In Ridley Scott's film there's a point where Ripley (Sigourney Weaver) has the opportunity to escape. All her crewmates are dead, having encountered the alien and met a grisly end. There's no fighting the alien, it has blood so corrosive that if you did manage to wound it you would die because the ship's hull would be breached and all your air would disappear. So, all Ripley can do is get into the escape pod and get the hell out of there.
Does she?
No.
Why?
Because the film would just end there and then in a most unsatisfactory manner. There would be no resolution. And resolution is very important for any film or novel.
Ripley decides to rescue the cat and give the alien a chance to creep on board her escape craft so that we can have a proper and fitting climax to the film.

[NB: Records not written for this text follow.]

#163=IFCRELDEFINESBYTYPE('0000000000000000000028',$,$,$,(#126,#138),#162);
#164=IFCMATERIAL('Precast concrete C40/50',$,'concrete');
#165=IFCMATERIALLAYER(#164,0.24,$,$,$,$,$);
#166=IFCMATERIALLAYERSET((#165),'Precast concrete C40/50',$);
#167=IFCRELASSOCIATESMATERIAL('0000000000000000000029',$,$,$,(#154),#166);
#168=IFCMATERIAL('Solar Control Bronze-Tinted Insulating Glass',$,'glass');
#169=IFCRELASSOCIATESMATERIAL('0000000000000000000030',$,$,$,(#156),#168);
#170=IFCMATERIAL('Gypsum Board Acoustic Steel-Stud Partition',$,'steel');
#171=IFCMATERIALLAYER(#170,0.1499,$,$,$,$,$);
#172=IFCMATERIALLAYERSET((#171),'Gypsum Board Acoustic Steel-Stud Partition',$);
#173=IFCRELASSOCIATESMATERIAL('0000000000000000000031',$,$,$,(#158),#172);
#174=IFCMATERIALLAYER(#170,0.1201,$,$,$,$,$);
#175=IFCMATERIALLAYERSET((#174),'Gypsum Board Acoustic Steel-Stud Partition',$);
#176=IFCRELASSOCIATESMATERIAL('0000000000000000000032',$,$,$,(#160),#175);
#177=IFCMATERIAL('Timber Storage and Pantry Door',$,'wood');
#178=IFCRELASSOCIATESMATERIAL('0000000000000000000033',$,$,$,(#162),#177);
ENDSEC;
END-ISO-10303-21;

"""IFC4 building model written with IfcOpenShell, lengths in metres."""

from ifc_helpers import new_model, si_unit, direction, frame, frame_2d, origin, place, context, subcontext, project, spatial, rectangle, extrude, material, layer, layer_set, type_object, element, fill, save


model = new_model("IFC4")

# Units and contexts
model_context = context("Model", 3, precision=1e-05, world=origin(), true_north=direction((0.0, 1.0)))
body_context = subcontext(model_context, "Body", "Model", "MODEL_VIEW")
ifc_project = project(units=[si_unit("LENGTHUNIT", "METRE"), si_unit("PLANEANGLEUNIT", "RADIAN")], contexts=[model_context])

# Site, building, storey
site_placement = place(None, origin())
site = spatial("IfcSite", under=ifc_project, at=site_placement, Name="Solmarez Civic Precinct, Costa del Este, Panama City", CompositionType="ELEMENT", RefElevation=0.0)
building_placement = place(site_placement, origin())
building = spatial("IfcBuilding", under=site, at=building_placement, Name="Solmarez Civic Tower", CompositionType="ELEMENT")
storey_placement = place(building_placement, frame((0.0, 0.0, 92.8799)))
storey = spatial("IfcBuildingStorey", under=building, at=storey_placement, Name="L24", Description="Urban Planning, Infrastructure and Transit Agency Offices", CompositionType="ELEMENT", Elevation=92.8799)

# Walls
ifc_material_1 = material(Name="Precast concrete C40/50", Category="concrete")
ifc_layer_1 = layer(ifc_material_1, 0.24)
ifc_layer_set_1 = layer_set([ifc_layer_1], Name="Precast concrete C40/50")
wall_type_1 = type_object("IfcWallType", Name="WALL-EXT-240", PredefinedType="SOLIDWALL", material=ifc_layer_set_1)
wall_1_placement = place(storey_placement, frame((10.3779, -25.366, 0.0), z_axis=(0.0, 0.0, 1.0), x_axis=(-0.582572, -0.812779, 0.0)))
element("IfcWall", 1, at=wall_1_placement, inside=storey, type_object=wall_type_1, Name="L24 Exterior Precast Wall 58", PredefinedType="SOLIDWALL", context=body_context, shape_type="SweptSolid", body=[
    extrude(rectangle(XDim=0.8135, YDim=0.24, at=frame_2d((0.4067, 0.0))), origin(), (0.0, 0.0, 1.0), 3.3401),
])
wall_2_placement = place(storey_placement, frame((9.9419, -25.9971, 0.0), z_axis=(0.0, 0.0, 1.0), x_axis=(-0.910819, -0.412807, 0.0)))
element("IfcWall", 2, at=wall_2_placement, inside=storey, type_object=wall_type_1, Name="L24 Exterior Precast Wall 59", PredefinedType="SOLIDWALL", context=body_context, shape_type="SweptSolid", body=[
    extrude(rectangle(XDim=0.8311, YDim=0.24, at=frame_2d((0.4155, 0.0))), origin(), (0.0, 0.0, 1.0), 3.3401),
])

I remember shouting at the screen 'Leave the ****** cat and get the hell out.' The cinema was absolutely packed and there was a tremendous groundswell of agreement with my outburst. Although we all wanted Sigourney to be safe, we also respected and fully understood her decision to rescue the cat. She wasn't the kind of girl to abandon it to the dreadful clutches of the alien. We would all most certainly have left the cat and saved our skins, but the whole cinema audience knew she was made of much stronger stuff than we were.
It worked. Her actions, however we might disagree with them, were in character. So we got our ending and our resolution without it seeming contrived.
If you ask me, the big contrivance was the super corrosive blood. But I'm a chemist and I would be sceptical about something like that.
In the Due Diligence, Jenny is in terrible danger but hasn't got the option of running away from it. She has her own version of Ripley's Cat.